L'esame del contenuto codificante del genoma ASxL5T fornisce approfondimenti funzionali sulle caratteristiche fenotipiche. La presenza di geni che codificano per le fimbrie di tipo IV (Tfp) è di particolare interesse perché promuovono il movimento cellulare, chiamato scivolamento sociale o convulsioni, senza flagelli sulla superficie. Secondo i rapporti, Tfp ha altre funzioni, tra cui la predazione, la patogenesi, la formazione di biofilm, l'assorbimento naturale del DNA, l'aggregazione e lo sviluppo automatico delle cellule38. Il genoma ASxL5T contiene 18 geni che codificano per la diguanilato ciclasi (un enzima che catalizza la conversione di 2 guanosina trifosfato in guanosina 2 fosfato e diGMP ciclico) e 6 geni che codificano per il corrispondente diguanilato ciclasi fosfato diguanilato. Il gene per l'esterasi (che catalizza la degradazione del di-GMP ciclico in guanosina monofosfato) è interessante perché il ciclo-di-GMP è un importante secondo messaggero coinvolto nello sviluppo e nella separazione del biofilm, nel movimento, nell'attaccamento cellulare e nella virulenza 39, 40 nel processo. Va inoltre notato che nel Bdellovibrio bacteriovorus è stato dimostrato che il doppio GMP ciclico controlla la transizione tra la vita libera e lo stile di vita predatorio41.

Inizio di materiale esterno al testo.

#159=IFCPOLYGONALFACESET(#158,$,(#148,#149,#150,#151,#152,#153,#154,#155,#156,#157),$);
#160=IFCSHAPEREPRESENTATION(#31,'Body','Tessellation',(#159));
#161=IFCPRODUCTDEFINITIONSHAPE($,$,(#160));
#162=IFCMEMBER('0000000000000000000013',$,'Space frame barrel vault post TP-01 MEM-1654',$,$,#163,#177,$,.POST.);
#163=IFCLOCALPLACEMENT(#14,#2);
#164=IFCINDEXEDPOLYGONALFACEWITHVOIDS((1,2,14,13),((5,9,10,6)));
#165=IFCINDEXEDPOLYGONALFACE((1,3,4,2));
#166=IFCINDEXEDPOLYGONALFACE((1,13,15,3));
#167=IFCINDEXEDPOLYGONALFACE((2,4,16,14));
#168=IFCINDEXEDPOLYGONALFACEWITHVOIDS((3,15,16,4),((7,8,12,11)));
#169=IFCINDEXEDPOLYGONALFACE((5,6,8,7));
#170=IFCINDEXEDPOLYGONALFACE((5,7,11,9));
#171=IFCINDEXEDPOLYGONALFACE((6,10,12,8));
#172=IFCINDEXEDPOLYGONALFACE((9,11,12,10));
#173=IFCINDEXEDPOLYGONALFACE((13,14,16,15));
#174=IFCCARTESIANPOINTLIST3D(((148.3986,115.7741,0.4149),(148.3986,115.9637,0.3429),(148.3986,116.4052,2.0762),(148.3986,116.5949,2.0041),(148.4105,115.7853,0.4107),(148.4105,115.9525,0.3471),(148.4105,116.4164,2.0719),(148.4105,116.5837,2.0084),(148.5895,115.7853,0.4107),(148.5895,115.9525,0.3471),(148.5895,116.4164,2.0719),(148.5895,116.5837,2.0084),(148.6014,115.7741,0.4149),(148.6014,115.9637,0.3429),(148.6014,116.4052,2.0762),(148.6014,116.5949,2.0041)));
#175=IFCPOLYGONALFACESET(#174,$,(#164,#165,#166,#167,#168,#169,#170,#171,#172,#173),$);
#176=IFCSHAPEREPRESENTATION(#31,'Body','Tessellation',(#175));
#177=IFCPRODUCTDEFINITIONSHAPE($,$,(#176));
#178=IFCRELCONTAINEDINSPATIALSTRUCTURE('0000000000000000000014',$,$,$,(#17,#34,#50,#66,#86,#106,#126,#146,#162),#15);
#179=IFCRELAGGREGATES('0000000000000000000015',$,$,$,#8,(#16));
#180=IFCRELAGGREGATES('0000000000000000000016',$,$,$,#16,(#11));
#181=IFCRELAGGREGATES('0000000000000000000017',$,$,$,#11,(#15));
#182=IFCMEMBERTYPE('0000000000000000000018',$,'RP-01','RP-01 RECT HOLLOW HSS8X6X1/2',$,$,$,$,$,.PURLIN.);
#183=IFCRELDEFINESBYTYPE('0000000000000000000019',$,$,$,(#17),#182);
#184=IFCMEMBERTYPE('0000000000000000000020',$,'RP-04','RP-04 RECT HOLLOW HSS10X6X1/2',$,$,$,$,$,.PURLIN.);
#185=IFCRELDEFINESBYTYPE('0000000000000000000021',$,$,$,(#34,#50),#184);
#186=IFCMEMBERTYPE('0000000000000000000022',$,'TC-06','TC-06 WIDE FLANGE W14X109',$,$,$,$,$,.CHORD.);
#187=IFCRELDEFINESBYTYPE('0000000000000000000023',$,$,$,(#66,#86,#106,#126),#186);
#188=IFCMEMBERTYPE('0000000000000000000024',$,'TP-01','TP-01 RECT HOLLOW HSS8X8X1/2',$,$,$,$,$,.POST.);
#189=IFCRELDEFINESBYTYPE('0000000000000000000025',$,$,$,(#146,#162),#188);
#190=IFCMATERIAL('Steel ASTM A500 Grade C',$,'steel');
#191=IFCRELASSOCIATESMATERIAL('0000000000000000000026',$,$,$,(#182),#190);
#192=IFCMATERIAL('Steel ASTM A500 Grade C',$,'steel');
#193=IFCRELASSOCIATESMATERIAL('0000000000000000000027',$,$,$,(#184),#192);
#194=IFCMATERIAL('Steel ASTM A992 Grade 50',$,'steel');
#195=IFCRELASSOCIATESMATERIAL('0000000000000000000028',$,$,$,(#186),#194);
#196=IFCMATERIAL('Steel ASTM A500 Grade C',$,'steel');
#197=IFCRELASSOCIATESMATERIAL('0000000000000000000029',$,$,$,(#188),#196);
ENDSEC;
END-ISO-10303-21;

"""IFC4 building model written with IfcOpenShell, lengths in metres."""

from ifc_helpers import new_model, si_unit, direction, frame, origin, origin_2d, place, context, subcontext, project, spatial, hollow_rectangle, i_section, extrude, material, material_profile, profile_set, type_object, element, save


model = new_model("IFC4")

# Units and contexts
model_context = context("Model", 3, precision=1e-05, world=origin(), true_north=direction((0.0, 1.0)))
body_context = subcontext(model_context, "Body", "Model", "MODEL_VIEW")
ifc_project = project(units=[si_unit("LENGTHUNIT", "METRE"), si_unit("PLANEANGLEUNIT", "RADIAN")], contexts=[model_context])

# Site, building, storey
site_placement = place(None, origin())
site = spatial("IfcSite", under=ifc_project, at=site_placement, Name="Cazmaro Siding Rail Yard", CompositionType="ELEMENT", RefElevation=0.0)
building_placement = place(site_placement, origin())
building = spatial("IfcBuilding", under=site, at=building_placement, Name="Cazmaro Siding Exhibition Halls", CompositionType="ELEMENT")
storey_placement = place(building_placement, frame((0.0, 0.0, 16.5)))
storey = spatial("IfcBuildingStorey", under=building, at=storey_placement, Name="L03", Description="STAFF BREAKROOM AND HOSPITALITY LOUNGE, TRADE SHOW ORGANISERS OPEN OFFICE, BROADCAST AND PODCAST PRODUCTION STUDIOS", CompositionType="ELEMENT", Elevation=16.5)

La maggior parte delle ricerche sui batteri predatori si è concentrata su Bdellovibrio, organismi simili a Bdellovibrio e specie Myxococcus. Questi e altri esempi noti di batteri predatori formano un gruppo eterogeneo. Nonostante questa diversità, è stata identificata una serie di famiglie proteiche caratteristiche che riflettono i fenotipi di 11 batteri predatori conosciuti3,22. Tuttavia, sono stati identificati solo i geni che codificano per l'antigene O ligasi (waaL), che è particolarmente comune nei batteri Gram-negativi. Questa forma di analisi non è utile per designare ASxL5T come predatore, probabilmente perché utilizza una nuova strategia di attacco. La disponibilità di genomi batterici predatori più diversificati aiuterà a sviluppare analisi di risoluzione più precise che tengano conto delle prove delle differenze funzionali e ambientali tra i membri del gruppo. Esempi di batteri predatori non inclusi in questa analisi includono membri di Cupriavidus necator42 e Bradymonabacteria43, perché man mano che i ricercatori studiano diverse comunità microbiche, vengono stabiliti più taxa predatori.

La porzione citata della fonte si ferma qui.